# Please post your Thanksgiving menu!



## alblancher (Nov 22, 2011)

Going to the inlaws again this year and need to bring something.   I like to push the envelope a bit when bringing side items so I am looking for new ideas.  You can help me out by letting us know what you are having for dinner.

I already decided to bring BamaFan's Cole Slaw

Looks like the rest of the menu is pretty traditonal

Baked Turkey

Oyster Dressing

Mac and Cheese

Ham

Thanks


----------



## solaryellow (Nov 22, 2011)

On our menu so far:

2 turkeys
2 dressings/stuffings (1 cornbread, 1 regular--Joel's grandmother's recipe)
Candied sweet potatoes
Mashed potatoes (still not sure if plain buttermilk or garlic mashed potatoes)
2 pumpkin pies
1 green tomato apple pie
1 lemon chiffon pie
Home made cranberry relish
2 different kinds of gravy (one homemade, one mushroom something gluten-free from Whole Foods)
Challah bread

Smoked no-boil mac and cheese


What I know others are bringing:
Loaded potato salad (with cheese, bacon, etc.)
Multi-bean casserole


----------



## alblancher (Nov 22, 2011)

Sound like a feast Joel,  wish I was closer


----------



## scarbelly (Nov 22, 2011)

Baked Turkey ( Because one of our guests does not like anything smoked)

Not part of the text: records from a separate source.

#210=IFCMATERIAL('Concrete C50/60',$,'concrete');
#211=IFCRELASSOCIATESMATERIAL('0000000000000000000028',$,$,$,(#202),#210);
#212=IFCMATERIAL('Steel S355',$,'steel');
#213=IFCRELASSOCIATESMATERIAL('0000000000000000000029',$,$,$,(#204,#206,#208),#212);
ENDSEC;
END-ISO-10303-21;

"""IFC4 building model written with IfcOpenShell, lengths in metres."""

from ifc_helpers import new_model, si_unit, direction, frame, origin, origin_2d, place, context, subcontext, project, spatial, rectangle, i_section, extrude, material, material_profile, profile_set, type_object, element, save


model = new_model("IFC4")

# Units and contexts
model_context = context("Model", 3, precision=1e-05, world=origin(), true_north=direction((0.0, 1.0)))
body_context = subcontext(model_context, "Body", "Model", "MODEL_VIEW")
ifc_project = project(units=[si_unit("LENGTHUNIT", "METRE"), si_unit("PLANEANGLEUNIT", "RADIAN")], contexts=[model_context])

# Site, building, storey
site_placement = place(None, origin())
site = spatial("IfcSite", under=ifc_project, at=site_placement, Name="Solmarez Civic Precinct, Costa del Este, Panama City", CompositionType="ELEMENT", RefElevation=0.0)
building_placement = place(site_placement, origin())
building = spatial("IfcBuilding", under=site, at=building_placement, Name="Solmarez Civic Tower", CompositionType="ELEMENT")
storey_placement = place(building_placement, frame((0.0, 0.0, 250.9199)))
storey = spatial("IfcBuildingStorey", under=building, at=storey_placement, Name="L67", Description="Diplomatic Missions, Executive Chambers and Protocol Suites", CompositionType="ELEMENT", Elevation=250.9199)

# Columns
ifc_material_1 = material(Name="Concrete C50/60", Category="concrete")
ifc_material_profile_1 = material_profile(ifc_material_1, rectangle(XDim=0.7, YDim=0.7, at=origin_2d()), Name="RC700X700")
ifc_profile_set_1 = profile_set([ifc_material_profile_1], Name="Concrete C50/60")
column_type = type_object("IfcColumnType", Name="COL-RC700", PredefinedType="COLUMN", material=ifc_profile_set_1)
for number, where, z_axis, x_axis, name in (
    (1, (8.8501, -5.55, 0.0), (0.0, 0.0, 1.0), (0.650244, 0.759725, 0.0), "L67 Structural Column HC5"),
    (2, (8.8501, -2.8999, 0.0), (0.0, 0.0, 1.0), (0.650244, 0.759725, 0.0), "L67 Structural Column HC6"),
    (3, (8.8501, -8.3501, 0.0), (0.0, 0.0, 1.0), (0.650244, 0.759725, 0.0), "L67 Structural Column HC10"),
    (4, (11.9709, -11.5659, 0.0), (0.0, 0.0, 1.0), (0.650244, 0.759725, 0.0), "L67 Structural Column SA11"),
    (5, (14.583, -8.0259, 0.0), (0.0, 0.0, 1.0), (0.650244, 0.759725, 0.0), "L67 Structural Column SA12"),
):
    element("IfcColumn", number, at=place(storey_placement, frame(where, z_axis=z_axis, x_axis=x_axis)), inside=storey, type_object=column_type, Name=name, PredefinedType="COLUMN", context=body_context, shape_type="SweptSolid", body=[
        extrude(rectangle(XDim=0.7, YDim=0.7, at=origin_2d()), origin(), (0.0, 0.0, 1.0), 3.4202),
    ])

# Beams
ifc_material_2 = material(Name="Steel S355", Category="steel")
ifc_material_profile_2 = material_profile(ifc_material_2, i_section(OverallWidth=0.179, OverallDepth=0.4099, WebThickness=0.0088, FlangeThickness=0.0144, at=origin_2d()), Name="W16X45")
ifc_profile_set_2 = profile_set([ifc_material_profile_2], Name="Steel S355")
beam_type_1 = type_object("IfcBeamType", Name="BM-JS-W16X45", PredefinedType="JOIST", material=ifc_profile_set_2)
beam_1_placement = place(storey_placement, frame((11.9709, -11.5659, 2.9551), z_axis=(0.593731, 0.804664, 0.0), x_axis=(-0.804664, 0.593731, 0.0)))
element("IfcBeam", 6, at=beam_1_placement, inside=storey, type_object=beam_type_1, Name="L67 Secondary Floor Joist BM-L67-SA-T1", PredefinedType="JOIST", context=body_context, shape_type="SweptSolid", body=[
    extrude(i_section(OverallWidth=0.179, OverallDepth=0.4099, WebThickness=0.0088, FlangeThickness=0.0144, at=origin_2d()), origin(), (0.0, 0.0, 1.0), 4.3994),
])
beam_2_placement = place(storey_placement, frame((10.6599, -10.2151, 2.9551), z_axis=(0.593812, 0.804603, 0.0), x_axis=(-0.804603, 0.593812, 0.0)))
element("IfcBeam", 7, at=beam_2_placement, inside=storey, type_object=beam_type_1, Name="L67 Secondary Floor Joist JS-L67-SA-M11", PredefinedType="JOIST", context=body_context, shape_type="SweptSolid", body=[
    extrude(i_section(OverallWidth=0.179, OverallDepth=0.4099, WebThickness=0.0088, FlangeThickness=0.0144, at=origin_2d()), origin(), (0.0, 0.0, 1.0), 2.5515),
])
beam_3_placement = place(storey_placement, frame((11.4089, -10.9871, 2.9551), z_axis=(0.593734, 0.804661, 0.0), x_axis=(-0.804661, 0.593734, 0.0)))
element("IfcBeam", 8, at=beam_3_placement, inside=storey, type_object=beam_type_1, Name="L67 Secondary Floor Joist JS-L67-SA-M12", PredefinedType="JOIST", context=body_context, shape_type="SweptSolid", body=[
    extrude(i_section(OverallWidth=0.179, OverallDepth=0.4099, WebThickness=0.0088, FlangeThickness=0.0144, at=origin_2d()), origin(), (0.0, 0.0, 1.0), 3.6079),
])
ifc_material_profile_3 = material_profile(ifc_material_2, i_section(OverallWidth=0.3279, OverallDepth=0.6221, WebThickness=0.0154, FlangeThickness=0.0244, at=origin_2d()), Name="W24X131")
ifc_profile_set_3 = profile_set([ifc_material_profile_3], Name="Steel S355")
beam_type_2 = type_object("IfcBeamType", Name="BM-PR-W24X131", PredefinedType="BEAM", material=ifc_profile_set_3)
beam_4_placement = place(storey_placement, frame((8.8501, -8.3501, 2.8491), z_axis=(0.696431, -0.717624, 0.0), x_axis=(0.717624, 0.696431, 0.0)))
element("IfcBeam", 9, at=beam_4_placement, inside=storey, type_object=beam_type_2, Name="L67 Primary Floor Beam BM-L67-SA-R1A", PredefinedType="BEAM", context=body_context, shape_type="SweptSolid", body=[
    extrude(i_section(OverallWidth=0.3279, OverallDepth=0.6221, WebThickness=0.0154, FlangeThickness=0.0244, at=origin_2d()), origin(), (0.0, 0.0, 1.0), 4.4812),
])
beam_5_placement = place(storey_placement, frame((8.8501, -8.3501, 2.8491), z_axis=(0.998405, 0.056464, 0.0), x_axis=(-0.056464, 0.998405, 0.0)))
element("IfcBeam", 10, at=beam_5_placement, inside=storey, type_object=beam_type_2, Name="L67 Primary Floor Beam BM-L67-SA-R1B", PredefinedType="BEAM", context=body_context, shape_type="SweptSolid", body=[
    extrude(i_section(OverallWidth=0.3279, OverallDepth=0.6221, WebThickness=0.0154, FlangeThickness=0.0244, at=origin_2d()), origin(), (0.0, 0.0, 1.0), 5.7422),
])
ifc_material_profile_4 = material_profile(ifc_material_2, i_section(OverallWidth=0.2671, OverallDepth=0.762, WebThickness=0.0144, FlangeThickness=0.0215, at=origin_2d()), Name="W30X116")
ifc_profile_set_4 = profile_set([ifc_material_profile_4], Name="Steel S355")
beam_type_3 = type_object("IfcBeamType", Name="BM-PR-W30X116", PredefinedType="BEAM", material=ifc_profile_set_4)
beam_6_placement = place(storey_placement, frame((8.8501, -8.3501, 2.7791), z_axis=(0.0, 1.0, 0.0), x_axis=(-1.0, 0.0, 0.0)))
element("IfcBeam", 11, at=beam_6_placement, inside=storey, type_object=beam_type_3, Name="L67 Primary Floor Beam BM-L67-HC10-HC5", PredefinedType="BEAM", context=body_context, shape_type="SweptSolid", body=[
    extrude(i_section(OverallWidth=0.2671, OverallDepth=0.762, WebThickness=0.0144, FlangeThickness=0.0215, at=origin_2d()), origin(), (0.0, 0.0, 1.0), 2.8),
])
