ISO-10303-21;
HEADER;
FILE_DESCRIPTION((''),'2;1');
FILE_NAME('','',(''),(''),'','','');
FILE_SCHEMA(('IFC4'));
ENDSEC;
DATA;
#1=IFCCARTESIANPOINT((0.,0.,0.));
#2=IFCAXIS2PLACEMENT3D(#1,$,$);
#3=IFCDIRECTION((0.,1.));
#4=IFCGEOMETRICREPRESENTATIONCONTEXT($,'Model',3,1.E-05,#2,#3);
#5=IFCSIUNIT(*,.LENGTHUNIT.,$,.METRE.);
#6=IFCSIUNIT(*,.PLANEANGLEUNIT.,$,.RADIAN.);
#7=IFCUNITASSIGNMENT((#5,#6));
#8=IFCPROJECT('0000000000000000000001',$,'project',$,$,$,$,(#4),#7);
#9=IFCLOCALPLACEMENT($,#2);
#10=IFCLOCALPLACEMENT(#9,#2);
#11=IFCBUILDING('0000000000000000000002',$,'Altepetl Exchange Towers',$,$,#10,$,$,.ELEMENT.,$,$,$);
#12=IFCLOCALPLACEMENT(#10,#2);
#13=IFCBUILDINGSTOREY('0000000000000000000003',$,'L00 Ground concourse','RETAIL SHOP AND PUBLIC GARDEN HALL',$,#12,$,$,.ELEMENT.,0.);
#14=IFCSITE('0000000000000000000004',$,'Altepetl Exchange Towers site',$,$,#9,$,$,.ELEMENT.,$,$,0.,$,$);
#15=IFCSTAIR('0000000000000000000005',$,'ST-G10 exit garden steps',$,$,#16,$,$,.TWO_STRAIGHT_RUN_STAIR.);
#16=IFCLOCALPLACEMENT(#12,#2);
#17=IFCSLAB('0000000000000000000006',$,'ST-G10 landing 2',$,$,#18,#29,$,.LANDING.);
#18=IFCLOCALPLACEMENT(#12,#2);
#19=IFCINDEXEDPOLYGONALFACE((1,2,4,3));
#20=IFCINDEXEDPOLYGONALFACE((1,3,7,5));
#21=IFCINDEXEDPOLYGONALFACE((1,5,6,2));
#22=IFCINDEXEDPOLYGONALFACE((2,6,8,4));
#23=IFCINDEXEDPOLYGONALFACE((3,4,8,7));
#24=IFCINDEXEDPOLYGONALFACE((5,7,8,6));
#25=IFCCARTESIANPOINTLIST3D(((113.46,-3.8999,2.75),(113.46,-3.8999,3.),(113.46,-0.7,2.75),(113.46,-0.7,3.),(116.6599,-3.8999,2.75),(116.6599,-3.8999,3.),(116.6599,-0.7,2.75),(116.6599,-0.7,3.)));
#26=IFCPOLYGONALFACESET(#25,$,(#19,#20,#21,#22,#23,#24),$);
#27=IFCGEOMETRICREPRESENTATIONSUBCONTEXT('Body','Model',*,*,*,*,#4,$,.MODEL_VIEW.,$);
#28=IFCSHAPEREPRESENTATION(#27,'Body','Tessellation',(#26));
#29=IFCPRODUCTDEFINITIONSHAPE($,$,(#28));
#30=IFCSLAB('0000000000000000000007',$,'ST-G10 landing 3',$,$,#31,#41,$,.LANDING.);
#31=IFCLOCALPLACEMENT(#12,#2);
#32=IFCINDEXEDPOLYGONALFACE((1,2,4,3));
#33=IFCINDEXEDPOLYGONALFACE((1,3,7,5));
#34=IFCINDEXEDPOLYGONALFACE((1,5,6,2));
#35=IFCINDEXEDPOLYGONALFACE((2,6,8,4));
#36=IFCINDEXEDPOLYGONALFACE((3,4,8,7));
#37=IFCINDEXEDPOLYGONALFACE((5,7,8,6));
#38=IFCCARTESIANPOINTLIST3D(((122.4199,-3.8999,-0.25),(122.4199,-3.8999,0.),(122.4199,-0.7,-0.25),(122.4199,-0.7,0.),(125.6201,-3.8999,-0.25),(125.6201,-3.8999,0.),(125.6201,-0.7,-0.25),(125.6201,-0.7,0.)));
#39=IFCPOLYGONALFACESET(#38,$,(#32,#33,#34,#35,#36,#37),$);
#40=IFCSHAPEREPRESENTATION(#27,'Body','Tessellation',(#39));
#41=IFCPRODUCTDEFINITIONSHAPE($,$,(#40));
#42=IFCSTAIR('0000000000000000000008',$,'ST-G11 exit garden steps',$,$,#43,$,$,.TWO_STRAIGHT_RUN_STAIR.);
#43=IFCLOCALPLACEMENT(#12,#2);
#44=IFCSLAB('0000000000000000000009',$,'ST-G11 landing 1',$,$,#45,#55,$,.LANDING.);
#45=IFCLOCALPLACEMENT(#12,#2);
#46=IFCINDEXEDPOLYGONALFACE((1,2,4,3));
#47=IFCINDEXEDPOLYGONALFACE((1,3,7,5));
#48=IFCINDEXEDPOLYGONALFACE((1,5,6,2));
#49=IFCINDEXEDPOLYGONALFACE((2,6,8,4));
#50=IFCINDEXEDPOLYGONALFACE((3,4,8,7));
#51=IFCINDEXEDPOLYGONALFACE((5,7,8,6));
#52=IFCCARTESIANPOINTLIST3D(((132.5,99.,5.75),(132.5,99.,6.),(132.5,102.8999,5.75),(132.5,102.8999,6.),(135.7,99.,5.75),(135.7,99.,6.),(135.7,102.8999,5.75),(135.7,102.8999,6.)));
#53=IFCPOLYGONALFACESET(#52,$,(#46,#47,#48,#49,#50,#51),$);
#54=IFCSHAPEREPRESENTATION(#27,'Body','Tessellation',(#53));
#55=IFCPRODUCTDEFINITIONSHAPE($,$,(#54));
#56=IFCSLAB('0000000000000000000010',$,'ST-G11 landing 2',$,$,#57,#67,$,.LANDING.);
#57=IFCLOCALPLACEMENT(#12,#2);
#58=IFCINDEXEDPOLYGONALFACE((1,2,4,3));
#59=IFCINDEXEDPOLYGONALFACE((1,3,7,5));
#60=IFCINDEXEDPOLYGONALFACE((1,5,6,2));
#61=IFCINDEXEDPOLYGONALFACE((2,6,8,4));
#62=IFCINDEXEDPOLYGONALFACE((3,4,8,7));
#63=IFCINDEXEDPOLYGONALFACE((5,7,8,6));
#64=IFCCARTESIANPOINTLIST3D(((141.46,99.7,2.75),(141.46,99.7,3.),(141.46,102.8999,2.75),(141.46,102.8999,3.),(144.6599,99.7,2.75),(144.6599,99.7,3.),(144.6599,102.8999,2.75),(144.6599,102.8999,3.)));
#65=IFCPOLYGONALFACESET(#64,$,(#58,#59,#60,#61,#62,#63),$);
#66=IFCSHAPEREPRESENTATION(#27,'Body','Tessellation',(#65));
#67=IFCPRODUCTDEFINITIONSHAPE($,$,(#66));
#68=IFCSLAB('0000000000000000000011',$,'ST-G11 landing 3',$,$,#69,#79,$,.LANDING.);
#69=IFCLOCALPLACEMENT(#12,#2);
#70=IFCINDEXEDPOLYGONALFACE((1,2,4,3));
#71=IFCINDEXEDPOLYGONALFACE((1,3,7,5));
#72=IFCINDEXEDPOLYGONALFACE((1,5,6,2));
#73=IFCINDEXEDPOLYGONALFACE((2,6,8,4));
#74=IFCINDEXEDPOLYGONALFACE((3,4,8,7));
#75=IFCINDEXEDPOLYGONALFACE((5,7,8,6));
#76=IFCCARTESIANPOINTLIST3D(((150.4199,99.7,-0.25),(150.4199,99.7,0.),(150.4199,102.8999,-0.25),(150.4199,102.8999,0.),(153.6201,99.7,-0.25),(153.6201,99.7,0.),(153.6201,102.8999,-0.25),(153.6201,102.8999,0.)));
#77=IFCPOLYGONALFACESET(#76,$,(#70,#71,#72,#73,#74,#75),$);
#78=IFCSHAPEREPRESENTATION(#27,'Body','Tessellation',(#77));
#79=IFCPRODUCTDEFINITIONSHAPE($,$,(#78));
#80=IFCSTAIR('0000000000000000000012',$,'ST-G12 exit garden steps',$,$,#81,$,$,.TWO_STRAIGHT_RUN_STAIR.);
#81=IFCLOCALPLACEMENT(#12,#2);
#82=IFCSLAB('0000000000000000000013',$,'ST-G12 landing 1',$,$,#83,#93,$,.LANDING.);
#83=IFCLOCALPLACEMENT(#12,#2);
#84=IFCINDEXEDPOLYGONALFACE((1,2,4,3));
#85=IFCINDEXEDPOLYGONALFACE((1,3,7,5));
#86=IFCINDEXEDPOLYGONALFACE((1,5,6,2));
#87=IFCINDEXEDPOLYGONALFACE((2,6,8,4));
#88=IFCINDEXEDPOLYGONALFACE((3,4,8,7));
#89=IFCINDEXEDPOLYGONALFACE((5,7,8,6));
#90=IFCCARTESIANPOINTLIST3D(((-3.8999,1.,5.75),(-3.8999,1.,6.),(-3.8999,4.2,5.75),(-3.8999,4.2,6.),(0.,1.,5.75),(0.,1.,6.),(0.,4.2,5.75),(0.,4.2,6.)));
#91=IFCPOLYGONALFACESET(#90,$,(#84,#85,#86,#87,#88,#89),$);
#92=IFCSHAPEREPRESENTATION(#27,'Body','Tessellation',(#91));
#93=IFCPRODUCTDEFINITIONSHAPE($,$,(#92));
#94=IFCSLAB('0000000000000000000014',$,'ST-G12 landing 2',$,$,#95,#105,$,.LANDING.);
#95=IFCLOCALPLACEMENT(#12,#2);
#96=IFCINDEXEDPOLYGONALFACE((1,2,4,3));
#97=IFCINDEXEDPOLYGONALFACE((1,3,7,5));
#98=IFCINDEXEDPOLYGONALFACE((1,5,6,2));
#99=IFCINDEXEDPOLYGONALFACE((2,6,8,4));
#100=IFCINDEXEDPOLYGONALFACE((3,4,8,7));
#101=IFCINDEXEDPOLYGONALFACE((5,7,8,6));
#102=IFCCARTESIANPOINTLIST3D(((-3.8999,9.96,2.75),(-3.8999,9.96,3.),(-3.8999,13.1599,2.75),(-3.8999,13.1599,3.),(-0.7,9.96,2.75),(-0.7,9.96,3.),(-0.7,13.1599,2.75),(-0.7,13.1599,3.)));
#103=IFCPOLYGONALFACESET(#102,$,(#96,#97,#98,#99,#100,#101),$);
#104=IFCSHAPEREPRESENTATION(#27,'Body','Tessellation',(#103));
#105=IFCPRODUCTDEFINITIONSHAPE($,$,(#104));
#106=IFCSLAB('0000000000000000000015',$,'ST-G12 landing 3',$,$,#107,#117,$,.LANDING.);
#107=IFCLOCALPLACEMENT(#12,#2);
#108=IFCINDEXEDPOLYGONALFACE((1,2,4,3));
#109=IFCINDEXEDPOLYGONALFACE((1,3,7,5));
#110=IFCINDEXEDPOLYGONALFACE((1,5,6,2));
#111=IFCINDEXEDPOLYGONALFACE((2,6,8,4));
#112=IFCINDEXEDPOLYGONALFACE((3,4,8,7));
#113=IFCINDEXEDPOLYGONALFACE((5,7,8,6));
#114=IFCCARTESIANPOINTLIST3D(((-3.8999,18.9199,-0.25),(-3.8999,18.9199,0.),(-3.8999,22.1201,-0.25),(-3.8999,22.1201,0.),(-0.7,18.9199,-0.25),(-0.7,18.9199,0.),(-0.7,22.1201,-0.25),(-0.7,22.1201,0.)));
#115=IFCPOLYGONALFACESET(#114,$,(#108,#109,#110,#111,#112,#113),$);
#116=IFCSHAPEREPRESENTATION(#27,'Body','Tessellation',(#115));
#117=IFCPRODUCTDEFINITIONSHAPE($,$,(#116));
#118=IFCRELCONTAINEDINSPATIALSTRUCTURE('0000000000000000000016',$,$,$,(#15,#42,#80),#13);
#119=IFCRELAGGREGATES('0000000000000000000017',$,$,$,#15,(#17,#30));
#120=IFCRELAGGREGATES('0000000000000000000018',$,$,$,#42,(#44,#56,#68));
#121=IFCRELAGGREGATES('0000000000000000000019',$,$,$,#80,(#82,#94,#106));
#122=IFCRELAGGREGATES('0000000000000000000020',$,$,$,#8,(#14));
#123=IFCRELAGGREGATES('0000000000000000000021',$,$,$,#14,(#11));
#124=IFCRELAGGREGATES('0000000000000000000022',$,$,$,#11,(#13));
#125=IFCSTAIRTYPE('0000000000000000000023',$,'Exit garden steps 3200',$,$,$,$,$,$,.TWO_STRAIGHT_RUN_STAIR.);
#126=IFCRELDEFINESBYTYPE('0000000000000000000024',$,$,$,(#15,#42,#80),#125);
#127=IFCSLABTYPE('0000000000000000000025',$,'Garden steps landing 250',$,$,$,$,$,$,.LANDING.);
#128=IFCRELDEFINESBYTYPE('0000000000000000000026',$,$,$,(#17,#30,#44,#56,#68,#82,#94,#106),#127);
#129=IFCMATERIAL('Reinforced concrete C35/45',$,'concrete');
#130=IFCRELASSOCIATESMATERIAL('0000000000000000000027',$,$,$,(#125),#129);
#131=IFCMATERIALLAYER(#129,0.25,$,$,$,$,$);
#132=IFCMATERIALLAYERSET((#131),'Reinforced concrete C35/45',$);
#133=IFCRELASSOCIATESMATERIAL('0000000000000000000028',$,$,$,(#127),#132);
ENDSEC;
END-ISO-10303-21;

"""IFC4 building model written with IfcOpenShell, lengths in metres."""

from ifc_helpers import new_model, si_unit, direction, frame, origin, place, context, subcontext, project, spatial, polyline, outline, extrude, material, layer, layer_set, type_object, element, aggregate, save


model = new_model("IFC4")

# Units and contexts
model_context = context("Model", 3, precision=1e-05, world=origin(), true_north=direction((0.0, 1.0)))
body_context = subcontext(model_context, "Body", "Model", "MODEL_VIEW")
ifc_project = project(units=[si_unit("LENGTHUNIT", "METRE"), si_unit("PLANEANGLEUNIT", "RADIAN")], contexts=[model_context])

# Site, building, storey
site_placement = place(None, origin())
site = spatial("IfcSite", under=ifc_project, at=site_placement, Name="Altepetl Exchange Towers site", CompositionType="ELEMENT", RefElevation=0.0)
building_placement = place(site_placement, origin())
building = spatial("IfcBuilding", under=site, at=building_placement, Name="Altepetl Exchange Towers", CompositionType="ELEMENT")
storey_placement = place(building_placement, origin())
storey = spatial("IfcBuildingStorey", under=building, at=storey_placement, Name="L00 Ground concourse", Description="RETAIL SHOP AND PUBLIC GARDEN HALL", CompositionType="ELEMENT", Elevation=0.0)

# Shared definitions
ifc_material_1 = material(Name="Reinforced concrete C35/45", Category="concrete")

# Stairs, slabs
stair_type = type_object("IfcStairType", Name="Exit garden steps 3200", PredefinedType="TWO_STRAIGHT_RUN_STAIR", material=ifc_material_1)
stair_1_placement = place(storey_placement, origin())
stair_1 = element("IfcStair", 1, at=stair_1_placement, inside=storey, type_object=stair_type, Name="ST-G10 exit garden steps", PredefinedType="TWO_STRAIGHT_RUN_STAIR")
ifc_layer_1 = layer(ifc_material_1, 0.25)
ifc_layer_set_1 = layer_set([ifc_layer_1], Name="Reinforced concrete C35/45")
slab_type = type_object("IfcSlabType", Name="Garden steps landing 250", PredefinedType="LANDING", material=ifc_layer_set_1)
slab_1_placement = place(storey_placement, frame((0.0, 0.0, 2.75)))
slab_1 = element("IfcSlab", 2, at=slab_1_placement, type_object=slab_type, Name="ST-G10 landing 2", PredefinedType="LANDING", context=body_context, shape_type="SweptSolid", body=[
    extrude(outline(polyline([(113.46, -0.7), (116.6599, -0.7), (116.6599, -3.8999), (113.46, -3.8999), (113.46, -0.7)])), origin(), (0.0, 0.0, 1.0), 0.25),
])
slab_2_placement = place(storey_placement, frame((0.0, 0.0, -0.25)))
slab_2 = element("IfcSlab", 3, at=slab_2_placement, type_object=slab_type, Name="ST-G10 landing 3", PredefinedType="LANDING", context=body_context, shape_type="SweptSolid", body=[
    extrude(outline(polyline([(122.4199, -0.7), (125.6201, -0.7), (125.6201, -3.8999), (122.4199, -3.8999), (122.4199, -0.7)])), origin(), (0.0, 0.0, 1.0), 0.25),
])
aggregate(stair_1, [slab_1, slab_2])
stair_2_placement = place(storey_placement, origin())
stair_2 = element("IfcStair", 4, at=stair_2_placement, inside=storey, type_object=stair_type, Name="ST-G11 exit garden steps", PredefinedType="TWO_STRAIGHT_RUN_STAIR")
slab_3_placement = place(storey_placement, frame((0.0, 0.0, 5.75)))
slab_3 = element("IfcSlab", 5, at=slab_3_placement, type_object=slab_type, Name="ST-G11 landing 1", PredefinedType="LANDING", context=body_context, shape_type="SweptSolid", body=[
    extrude(outline(polyline([(132.5, 99.0), (135.7, 99.0), (135.7, 102.8999), (132.5, 102.8999), (132.5, 99.0)])), origin(), (0.0, 0.0, 1.0), 0.25),
])
slab_4_placement = place(storey_placement, frame((0.0, 0.0, 2.75)))
slab_4 = element("IfcSlab", 6, at=slab_4_placement, type_object=slab_type, Name="ST-G11 landing 2", PredefinedType="LANDING", context=body_context, shape_type="SweptSolid", body=[
    extrude(outline(polyline([(141.46, 99.7), (144.6599, 99.7), (144.6599, 102.8999), (141.46, 102.8999), (141.46, 99.7)])), origin(), (0.0, 0.0, 1.0), 0.25),
])
slab_5_placement = place(storey_placement, frame((0.0, 0.0, -0.25)))
slab_5 = element("IfcSlab", 7, at=slab_5_placement, type_object=slab_type, Name="ST-G11 landing 3", PredefinedType="LANDING", context=body_context, shape_type="SweptSolid", body=[
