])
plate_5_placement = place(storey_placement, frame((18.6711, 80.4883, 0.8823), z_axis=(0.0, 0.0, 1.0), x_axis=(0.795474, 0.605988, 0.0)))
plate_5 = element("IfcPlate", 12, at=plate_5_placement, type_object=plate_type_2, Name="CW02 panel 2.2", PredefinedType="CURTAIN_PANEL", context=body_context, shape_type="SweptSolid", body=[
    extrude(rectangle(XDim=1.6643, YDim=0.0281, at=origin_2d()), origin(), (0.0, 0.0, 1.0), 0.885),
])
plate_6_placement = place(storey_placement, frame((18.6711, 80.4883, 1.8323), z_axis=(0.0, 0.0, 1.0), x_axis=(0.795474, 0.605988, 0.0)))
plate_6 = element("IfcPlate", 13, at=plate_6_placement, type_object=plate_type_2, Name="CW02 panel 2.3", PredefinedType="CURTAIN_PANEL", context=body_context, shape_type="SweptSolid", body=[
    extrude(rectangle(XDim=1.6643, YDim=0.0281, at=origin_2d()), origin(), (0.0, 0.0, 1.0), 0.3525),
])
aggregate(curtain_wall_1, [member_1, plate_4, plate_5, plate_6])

Mashed Taters with roasted garlic and Boursin Cheese ( one plain on for the same person)

Two Gravies one with Giblets and one without (you guessed it )

Mushroom Bread Pudding

2 Dressings - 1 Cornbread Andouille and one with Turkey sausage ( yup her again)

Green Beans steamed and wrapped in Bacon with Parmesan Butter 

Homemade Sourdough Rolls 

Apple Crisp

Miniature Pumpkin Cheescakes


----------



## tjohnson (Nov 22, 2011)

Smoked Bone-In Prime Rib

Smoked Turkey Breast

Twice Baked Taters

Caprese(Thanks Scar!)

Salads

Apple Pie and Ice Cream for Desert

Todd


----------



## rbranstner (Nov 22, 2011)

Smoked Turkey

Stuffing

Mashed potatoes

Salads

Green Bean casserole

Pies, Pumpkin, Apple, Pecan

Sour Cream Raisin Bars

Cranberry's

Sweet Potatoes with marsh mellows on top

Rolls

Wine

There could be more but I'm not sure


----------



## lexoutlaw (Nov 22, 2011)

doing a potluck style.....but

i am doing......

2 deep fried turkeys

fried stuffing balls, great little appetizers(since fryer will be out)

home-made pumpkin cheesecake


----------



## alblancher (Nov 22, 2011)

That's it,

I made up my mind,

I'm cooking dinner Sunday for the two of us using your ideas, 

Sure sounds like some great eats going on this holiday.


----------



## bmudd14474 (Nov 22, 2011)

Im doing smoked Turkey Breast. 

There will be all of the normal fixins too.
Greenbean casserole 
mashed taters
gravy
carrots
pie

I also might smoke some salmon for the big event.


----------



## daveomak (Nov 22, 2011)

Al, morning.... I would love to help you out here... Turkey, stuffing, Hubbard Squash pie w/pecans, jello/cranberry salad, and as for the rest, I am not on the need to know list....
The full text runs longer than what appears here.